Oggi ha inizio l'anno "Famiglia Amoris Laetitia", a cinque anni dalla pubblicazione dell’esortazione apostolica, nel quale siamo invitati a continuare a riflettere sulle sfide della famiglia nel mondo di oggi. In questo documento più volte si ribadisce che non esiste una famiglia "ideale" ma "un interpellante mosaico formato da tante realtà diverse, piene di gioie, drammi e sogni" (Amoris laetitia n.57).

Nelle difficoltà che stanno vivendo in questi mesi tante famiglie in tutto il mondo, Giuseppe, uomo semplice, marito, padre e lavoratore, è come una luce che ricorda la bellezza di cercare la santità in una vita familiare ordinaria, fatta di gioie e dolori, in cui l’amore vince sempre.

Con parole di san Josemaría, ogni focolare cristiano deve essere un'oasi di serenità in cui, al di sopra delle piccole contrarietà quotidiane, si avverte — come frutto di una fede reale e vissuta — un affetto intenso e sincero, una pace profonda. (È Gesù che passa, n.22)

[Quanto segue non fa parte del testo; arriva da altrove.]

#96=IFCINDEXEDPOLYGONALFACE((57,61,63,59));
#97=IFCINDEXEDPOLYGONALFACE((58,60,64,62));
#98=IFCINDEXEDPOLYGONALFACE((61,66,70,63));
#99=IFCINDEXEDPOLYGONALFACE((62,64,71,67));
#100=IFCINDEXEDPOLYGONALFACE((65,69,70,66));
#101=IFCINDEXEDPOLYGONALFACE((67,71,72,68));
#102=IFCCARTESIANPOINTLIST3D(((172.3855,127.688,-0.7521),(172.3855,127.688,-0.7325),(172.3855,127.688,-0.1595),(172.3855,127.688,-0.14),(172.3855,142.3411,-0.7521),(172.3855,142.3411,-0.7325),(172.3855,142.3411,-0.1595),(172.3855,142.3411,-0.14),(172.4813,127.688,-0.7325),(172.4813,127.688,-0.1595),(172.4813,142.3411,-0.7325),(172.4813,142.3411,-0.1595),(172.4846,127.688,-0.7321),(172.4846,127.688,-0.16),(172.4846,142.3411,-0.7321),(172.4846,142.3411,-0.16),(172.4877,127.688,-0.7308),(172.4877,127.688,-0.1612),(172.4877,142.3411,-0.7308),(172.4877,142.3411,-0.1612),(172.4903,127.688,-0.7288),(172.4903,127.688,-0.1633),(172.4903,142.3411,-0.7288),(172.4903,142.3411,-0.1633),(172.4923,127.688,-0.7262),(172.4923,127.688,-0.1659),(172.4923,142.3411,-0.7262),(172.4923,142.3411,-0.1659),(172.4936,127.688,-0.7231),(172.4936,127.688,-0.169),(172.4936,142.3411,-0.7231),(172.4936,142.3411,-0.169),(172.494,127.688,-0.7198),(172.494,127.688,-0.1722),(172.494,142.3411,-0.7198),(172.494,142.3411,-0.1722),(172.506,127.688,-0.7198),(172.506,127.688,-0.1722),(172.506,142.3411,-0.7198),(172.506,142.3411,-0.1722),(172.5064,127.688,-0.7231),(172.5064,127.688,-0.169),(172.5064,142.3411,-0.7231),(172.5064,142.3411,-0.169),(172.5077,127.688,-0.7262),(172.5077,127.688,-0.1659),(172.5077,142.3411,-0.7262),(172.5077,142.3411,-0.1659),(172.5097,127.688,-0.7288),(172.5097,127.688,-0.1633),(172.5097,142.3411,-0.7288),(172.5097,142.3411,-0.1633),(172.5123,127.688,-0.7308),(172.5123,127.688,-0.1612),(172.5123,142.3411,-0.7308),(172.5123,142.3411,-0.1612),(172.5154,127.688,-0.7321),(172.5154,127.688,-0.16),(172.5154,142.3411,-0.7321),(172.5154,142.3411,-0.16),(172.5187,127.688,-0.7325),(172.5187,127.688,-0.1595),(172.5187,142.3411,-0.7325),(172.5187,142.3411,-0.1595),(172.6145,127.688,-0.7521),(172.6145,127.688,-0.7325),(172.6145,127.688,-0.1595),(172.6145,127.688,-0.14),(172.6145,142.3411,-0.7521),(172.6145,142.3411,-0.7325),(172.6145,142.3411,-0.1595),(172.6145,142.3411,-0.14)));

Nei vangeli Giuseppe non pronuncia neanche una parola, lui è l’uomo del silenzio e dell’azione. Il suo essere uomo giusto, attento alla volontà di Dio, la sua paternità attenta e affettuosa e la sua paziente speranza nelle avversità familiari sono le parole che continua a rivolgere a padri e figli di ogni tempo, anche a ciascuno di noi.